I would take these attributes of GPS monitoring into account when considering the existence of a reasonable societal expectation of privacy in the sum of one's public movements. I would ask whether people reasonably expect that their movements will be recorded and aggregated in a manner that enables the Government to ascertain, more or less at will, their political and religious beliefs, sexual habits, and so on. I do not regard as dispositive the fact that the Government might obtain the fruits of GPS monitoring through lawful conventional surveillance techniques. See Kyllo, 533 U. S., at 35, n. 2; ante, at 11 (leaving open the possibility that duplicating traditional surveillance "through electronic means, without an accompanying trespass, is an unconstitutional invasion of privacy").
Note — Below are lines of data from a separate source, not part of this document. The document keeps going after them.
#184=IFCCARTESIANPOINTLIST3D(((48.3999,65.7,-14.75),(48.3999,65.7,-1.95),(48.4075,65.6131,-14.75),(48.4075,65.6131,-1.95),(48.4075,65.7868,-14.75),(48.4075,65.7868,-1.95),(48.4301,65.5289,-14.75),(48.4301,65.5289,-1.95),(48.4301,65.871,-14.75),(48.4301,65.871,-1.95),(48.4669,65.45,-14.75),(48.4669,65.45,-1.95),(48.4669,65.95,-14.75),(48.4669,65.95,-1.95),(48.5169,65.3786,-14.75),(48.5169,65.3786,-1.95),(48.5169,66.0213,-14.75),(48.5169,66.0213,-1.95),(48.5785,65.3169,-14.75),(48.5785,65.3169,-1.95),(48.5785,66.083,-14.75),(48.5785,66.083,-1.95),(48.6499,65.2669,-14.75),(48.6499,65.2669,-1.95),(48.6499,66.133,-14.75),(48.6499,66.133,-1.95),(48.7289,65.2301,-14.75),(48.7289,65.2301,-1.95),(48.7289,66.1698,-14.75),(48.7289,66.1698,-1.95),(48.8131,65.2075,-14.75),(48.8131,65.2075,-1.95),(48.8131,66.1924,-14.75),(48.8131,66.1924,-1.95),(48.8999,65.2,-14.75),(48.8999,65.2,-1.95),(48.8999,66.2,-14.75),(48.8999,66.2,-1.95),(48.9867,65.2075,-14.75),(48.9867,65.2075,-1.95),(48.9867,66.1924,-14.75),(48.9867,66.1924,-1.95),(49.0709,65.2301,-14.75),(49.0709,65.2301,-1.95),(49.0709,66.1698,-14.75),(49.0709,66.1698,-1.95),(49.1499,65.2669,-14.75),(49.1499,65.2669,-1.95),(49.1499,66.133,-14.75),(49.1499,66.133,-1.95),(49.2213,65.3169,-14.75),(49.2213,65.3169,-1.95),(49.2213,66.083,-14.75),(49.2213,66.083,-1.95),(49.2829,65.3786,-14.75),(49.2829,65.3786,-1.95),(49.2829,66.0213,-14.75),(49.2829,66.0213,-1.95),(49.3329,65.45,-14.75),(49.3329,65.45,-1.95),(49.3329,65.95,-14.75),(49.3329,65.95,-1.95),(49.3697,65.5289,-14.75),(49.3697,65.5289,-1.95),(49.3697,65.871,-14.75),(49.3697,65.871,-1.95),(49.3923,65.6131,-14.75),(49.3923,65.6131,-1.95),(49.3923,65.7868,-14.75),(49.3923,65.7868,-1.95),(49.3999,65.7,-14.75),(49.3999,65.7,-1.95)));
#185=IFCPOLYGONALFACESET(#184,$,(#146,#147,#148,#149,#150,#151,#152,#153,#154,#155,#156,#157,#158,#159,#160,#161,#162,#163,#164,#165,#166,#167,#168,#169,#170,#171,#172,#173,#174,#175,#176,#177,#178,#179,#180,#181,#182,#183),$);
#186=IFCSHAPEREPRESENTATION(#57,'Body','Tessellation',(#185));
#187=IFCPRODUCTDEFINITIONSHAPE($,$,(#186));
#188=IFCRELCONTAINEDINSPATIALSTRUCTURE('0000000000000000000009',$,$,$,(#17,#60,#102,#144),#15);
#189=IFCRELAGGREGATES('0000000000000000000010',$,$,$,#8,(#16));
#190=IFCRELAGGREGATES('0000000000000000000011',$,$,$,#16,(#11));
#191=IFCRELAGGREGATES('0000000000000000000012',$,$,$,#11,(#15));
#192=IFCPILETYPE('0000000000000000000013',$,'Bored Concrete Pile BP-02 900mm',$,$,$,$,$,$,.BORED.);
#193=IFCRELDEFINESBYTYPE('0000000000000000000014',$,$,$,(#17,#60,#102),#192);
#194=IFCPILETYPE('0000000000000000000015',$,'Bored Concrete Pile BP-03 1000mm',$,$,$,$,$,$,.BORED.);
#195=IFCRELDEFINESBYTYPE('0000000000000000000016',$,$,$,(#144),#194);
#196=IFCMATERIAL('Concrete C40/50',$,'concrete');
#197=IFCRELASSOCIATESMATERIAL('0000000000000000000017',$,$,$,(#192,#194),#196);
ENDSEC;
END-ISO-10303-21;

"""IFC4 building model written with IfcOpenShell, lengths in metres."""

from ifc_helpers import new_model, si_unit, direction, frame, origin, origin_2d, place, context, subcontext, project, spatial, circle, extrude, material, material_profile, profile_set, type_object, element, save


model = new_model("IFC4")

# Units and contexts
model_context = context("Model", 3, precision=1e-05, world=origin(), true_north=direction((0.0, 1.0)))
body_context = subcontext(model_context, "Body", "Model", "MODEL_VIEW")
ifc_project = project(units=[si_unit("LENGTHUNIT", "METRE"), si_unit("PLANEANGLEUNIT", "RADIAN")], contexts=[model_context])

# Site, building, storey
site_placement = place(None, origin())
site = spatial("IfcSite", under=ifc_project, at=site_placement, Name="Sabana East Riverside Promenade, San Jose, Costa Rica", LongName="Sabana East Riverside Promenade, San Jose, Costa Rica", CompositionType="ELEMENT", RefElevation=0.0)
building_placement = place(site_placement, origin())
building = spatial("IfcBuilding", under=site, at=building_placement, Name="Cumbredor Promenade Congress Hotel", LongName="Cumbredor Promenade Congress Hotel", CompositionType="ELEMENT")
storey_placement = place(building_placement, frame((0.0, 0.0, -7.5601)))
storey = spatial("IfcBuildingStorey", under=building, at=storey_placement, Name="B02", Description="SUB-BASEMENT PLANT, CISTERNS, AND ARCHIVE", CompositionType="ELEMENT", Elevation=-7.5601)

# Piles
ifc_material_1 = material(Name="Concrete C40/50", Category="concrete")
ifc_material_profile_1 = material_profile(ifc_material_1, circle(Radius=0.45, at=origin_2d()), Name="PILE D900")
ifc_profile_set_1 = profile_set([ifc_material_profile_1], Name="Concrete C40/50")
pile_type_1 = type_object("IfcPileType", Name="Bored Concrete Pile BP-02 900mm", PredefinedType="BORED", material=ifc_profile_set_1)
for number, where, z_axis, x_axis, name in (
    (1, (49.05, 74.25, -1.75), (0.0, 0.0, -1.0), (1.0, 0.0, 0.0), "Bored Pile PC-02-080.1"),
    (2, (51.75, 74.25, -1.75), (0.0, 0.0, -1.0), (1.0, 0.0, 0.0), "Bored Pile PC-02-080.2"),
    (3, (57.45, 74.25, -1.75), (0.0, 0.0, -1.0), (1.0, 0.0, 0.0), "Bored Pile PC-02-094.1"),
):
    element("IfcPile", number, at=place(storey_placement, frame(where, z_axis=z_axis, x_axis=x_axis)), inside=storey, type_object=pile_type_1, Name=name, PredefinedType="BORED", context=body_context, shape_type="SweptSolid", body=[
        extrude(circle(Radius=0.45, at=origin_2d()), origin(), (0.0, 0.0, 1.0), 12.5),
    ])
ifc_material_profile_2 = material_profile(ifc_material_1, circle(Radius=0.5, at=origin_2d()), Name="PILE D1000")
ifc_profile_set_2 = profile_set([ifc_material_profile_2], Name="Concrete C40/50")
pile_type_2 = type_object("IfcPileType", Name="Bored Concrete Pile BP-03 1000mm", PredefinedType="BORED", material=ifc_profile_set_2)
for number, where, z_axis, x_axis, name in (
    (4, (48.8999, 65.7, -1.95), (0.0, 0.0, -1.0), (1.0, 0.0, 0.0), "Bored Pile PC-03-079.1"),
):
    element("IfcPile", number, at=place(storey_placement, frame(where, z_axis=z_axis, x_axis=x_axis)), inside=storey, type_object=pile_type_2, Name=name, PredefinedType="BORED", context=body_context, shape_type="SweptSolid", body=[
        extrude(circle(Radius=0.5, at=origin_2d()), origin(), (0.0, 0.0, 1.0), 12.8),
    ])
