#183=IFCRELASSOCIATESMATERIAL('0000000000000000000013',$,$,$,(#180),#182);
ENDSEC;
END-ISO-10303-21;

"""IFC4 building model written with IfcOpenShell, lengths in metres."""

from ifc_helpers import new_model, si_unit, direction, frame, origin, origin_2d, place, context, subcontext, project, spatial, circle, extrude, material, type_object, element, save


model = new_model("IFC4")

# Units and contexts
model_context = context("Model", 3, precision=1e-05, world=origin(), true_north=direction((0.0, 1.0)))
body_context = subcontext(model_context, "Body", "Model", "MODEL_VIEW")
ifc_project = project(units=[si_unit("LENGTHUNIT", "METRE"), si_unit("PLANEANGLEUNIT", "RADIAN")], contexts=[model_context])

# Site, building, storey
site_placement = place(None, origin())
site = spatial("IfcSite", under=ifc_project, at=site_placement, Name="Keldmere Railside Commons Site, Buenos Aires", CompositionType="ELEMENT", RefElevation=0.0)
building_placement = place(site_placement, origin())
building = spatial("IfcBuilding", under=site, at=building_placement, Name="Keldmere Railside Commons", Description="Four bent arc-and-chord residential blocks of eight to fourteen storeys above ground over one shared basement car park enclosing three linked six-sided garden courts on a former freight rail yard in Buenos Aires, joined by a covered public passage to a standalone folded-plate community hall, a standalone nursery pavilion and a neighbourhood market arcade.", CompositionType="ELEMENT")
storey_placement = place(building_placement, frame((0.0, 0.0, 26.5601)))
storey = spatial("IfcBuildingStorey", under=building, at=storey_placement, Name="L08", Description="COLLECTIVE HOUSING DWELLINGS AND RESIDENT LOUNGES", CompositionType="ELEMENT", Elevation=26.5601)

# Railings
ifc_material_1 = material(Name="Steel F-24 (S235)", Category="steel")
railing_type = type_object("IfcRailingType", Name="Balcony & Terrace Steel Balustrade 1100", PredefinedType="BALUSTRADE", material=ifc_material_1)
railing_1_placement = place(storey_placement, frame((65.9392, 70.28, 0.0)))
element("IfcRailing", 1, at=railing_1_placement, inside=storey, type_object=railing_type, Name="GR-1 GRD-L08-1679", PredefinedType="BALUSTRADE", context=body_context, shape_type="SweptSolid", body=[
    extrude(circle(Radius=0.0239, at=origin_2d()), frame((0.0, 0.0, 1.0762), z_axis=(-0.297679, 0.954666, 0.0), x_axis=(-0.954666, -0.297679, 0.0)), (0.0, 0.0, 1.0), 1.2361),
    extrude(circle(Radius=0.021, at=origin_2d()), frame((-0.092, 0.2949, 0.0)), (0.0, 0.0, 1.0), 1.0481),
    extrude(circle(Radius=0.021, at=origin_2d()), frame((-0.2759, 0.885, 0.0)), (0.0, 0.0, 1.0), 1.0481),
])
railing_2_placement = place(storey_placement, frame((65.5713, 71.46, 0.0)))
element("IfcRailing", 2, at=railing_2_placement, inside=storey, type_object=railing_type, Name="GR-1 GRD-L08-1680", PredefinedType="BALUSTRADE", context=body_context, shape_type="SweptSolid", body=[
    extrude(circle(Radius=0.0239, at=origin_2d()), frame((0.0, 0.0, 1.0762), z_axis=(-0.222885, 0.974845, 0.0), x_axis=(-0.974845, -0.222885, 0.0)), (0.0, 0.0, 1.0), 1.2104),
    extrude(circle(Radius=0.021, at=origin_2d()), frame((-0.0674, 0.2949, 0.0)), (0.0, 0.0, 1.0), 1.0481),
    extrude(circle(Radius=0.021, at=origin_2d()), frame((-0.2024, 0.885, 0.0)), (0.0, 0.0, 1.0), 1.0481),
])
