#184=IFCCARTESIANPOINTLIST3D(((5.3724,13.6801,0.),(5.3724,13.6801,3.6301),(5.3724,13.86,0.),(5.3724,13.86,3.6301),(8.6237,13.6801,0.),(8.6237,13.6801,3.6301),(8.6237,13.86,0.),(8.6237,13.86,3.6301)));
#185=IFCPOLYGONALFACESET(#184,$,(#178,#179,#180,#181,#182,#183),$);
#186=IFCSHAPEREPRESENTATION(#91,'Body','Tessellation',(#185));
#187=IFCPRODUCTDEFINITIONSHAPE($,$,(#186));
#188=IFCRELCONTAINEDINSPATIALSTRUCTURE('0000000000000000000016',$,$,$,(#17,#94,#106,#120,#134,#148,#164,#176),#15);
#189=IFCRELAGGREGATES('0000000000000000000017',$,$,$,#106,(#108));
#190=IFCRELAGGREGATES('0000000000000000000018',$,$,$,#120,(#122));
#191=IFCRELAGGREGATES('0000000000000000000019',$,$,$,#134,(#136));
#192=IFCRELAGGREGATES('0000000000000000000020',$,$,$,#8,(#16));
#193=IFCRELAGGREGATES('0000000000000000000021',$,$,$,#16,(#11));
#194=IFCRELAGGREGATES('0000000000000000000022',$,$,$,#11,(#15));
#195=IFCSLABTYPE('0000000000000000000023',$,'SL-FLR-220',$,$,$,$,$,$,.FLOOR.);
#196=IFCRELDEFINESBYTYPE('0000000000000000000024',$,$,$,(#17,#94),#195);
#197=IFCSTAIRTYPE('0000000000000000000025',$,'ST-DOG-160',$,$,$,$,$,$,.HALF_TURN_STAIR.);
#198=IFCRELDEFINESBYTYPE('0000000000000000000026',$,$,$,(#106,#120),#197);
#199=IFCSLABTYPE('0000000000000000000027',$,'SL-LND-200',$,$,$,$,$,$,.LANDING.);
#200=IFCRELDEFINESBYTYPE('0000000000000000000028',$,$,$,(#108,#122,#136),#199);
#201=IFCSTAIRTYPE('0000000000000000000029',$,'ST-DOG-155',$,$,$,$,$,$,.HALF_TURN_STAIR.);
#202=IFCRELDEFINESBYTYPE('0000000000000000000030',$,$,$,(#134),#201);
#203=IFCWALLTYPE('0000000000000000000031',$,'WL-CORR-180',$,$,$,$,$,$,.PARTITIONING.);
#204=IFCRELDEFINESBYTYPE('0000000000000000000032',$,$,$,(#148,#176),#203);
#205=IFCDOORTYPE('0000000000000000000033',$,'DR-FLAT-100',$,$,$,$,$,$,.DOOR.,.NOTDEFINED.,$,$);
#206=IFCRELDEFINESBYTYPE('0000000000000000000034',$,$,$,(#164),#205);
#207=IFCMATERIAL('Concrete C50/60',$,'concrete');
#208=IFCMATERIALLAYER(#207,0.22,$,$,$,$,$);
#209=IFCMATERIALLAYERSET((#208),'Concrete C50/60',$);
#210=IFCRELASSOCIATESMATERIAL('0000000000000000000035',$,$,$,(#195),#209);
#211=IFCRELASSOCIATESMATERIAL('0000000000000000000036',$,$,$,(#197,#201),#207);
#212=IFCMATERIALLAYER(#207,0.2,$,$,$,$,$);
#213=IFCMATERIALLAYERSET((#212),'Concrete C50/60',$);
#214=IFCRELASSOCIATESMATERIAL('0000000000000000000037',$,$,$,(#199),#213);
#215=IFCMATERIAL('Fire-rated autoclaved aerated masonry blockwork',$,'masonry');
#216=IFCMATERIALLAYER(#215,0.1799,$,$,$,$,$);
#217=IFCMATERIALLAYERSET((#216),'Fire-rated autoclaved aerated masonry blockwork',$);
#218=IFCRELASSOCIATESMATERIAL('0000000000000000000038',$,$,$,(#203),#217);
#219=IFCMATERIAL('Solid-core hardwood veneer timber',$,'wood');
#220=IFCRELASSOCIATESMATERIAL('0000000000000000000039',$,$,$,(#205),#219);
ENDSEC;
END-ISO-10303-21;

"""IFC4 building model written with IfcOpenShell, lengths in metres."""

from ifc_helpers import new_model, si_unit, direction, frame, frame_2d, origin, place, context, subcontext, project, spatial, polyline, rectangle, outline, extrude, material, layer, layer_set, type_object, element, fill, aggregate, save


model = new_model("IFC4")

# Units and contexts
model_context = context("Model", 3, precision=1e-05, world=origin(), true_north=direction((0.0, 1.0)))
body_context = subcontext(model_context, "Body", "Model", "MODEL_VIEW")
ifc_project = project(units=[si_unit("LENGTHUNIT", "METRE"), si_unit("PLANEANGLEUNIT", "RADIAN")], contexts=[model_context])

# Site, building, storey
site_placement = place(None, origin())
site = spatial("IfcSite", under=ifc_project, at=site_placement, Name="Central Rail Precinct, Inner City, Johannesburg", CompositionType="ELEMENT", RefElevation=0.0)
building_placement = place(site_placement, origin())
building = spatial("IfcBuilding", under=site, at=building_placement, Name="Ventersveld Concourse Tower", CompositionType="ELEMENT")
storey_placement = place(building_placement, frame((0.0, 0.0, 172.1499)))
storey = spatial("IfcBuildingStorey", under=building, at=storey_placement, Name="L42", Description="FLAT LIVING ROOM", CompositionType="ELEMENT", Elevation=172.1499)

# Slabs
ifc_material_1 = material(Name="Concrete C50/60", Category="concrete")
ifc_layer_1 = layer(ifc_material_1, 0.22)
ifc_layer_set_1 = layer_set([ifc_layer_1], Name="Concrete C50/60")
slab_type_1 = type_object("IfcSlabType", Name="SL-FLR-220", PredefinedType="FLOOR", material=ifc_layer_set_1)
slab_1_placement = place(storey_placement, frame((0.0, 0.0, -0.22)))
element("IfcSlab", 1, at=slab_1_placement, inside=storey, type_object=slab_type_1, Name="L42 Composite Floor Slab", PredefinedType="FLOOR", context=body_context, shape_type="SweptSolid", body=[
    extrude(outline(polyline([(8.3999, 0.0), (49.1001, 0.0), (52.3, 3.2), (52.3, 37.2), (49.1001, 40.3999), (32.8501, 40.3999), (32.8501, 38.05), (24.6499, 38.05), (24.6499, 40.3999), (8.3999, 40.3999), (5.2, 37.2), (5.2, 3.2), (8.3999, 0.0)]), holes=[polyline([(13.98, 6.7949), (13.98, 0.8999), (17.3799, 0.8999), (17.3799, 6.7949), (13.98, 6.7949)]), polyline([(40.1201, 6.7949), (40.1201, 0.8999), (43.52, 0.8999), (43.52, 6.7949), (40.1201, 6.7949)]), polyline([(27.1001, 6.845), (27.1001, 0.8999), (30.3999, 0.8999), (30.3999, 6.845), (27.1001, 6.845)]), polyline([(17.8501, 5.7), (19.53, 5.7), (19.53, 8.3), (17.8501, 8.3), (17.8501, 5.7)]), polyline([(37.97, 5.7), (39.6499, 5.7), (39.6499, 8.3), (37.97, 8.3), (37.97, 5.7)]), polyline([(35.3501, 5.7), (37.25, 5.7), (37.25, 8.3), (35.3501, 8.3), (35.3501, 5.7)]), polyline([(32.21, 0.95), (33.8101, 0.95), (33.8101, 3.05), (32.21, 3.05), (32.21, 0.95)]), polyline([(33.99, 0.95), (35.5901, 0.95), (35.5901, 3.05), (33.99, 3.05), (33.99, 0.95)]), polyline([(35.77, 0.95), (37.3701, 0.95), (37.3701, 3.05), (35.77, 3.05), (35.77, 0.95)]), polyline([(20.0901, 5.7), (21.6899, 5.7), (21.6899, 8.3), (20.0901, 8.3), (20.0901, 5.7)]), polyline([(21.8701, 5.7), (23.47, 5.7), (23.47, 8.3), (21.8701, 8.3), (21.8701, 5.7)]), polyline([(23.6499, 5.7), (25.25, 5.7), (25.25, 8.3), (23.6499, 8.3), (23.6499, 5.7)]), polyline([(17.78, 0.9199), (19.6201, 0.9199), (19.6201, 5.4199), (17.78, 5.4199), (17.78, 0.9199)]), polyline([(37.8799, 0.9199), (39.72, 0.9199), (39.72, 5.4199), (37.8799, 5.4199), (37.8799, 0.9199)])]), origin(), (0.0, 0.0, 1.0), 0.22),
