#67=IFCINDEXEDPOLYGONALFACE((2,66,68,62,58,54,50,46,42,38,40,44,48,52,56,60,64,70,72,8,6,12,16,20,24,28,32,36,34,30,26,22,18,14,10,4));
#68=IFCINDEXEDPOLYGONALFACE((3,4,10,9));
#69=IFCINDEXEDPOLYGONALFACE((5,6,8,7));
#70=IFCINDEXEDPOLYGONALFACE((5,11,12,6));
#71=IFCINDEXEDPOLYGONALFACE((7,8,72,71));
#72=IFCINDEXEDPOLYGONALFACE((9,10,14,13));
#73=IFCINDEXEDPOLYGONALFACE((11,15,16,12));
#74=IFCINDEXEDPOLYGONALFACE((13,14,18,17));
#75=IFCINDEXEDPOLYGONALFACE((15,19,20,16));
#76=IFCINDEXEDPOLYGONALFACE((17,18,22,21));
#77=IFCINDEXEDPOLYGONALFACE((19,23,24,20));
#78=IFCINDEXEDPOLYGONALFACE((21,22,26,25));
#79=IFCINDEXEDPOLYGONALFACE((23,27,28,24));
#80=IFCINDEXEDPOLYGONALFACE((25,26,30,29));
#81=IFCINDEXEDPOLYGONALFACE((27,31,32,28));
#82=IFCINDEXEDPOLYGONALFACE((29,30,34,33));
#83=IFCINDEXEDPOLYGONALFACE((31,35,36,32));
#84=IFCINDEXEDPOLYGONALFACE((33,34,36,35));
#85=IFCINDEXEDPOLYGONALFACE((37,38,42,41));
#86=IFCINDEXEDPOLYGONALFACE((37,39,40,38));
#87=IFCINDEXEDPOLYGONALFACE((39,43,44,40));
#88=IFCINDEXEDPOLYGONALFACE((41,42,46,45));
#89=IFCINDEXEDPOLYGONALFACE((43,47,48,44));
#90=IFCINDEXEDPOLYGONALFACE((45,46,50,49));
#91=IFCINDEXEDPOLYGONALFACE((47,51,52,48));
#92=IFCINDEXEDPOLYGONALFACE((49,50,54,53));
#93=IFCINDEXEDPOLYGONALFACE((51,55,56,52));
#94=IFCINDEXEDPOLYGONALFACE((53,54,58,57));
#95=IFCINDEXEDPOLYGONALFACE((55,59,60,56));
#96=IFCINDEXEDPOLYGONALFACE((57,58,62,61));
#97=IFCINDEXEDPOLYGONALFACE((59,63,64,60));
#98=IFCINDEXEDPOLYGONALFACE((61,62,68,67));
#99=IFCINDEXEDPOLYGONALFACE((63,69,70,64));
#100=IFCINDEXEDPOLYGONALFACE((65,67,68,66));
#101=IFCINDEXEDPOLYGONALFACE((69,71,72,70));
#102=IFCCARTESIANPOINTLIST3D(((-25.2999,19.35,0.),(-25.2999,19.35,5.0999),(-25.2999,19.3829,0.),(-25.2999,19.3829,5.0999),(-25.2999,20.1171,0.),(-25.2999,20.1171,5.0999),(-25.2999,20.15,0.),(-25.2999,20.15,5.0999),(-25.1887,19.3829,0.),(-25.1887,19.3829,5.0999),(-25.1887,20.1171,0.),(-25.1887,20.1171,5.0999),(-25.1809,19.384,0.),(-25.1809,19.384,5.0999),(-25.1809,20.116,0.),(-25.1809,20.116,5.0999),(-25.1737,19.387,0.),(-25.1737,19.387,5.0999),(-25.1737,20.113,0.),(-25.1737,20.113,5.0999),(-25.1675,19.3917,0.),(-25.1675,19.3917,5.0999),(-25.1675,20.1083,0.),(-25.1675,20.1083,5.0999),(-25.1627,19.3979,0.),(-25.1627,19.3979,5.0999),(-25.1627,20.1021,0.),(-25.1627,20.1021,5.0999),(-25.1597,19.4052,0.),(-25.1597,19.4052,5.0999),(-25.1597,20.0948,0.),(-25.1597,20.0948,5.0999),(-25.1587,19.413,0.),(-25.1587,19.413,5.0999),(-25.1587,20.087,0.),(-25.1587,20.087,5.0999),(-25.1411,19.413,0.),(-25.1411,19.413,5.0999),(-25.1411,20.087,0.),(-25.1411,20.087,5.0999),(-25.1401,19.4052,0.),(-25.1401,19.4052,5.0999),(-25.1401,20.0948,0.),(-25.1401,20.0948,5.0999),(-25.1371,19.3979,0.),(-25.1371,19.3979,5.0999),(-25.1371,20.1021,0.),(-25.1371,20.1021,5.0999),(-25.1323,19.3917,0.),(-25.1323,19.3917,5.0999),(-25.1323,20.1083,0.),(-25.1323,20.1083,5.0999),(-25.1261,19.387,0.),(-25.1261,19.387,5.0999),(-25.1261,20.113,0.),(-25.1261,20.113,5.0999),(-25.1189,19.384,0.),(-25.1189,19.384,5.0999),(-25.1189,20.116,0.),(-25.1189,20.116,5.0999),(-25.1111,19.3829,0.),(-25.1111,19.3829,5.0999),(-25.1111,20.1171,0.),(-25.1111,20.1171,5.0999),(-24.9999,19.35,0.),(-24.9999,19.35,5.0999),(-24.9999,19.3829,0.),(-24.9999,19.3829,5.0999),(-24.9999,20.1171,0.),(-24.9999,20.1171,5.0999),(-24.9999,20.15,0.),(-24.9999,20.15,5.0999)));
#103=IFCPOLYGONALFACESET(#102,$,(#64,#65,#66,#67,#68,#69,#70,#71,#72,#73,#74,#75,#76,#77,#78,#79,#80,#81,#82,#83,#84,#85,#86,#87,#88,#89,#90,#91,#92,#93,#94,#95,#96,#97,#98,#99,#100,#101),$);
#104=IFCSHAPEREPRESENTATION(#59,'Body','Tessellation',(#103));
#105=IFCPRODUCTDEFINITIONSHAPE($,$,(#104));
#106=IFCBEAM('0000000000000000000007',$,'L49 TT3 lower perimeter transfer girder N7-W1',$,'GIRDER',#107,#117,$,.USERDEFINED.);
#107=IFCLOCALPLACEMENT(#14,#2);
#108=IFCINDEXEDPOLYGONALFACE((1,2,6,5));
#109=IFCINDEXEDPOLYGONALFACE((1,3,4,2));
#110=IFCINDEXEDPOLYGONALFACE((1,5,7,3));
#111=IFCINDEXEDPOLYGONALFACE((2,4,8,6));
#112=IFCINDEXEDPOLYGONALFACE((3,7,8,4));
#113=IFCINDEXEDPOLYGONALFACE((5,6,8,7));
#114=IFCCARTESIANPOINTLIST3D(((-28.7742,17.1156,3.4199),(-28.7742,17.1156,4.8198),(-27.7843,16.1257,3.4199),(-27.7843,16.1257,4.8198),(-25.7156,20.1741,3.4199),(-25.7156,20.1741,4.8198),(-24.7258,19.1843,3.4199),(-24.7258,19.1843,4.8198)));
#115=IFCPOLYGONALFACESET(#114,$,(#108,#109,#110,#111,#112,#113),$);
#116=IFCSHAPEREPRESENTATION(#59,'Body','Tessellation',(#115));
I would also consider the appropriateness of entrusting to the Executive, in the absence of any oversight from a coordinate branch, a tool so amenable to misuse, especially in light of the Fourth Amendment's goal to curb arbitrary exercises of police power to and prevent "a too permeating police surveillance," United States v. Di Re, 332 U. S. 581, 595 (1948).*

More fundamentally, it may be necessary to reconsider the premise that an individual has no reasonable expectation of privacy in information voluntarily disclosed to third parties. E.g., Smith, 442 U. S., at 742; United States v. Miller, 425 U. S. 435, 443 (1976). This approach is ill suited to the digital age, in which people reveal a great deal of information about themselves to third parties in the course of carrying out mundane tasks. People disclose the phone numbers that they dial or text to their cellular providers; the URLs that they visit and the e-mail addresses with which they correspond to their Internet service providers; and the books, groceries, and medications they purchase to online retailers. Perhaps, as Justice Alito notes, some people may find the "tradeoff " of privacy for convenience "worthwhile," or come to accept this "diminution of privacy" as "inevitable," post, at 10, and perhaps not. I for one doubt that people would accept without complaint the warrantless disclosure to the Government of a list of every Web site they had visited in the last week, or month, or year. But whatever the societal expectations, they can attain constitutionally protected status only if our Fourth Amendment jurisprudence ceases to treat secrecy as a prerequisite for privacy. I would not assume that all information voluntarily disclosed to some member of the public for a limited purpose is, for that reason alone, disentitled to Fourth Amendment protection. See Smith, 442 U. S., at 749 (Marshall, J., dissenting) ("Privacy is not a discrete commodity, possessed absolutely or not at all. Those who disclose certain facts to a bank or phone company for a limited business purpose need not assume that this information will be released to other persons for other purposes"); see also Katz, 389 U. S., at 351-352 ("[W]hat [a person] seeks to preserve as private, even in an area accessible to the public, may be constitutionally protected").

Resolution of these difficult questions in this case is unnecessary, however, because the Government's physical intrusion on Jones' Jeep supplies a narrower basis for decision. I therefore join the majority's opinion.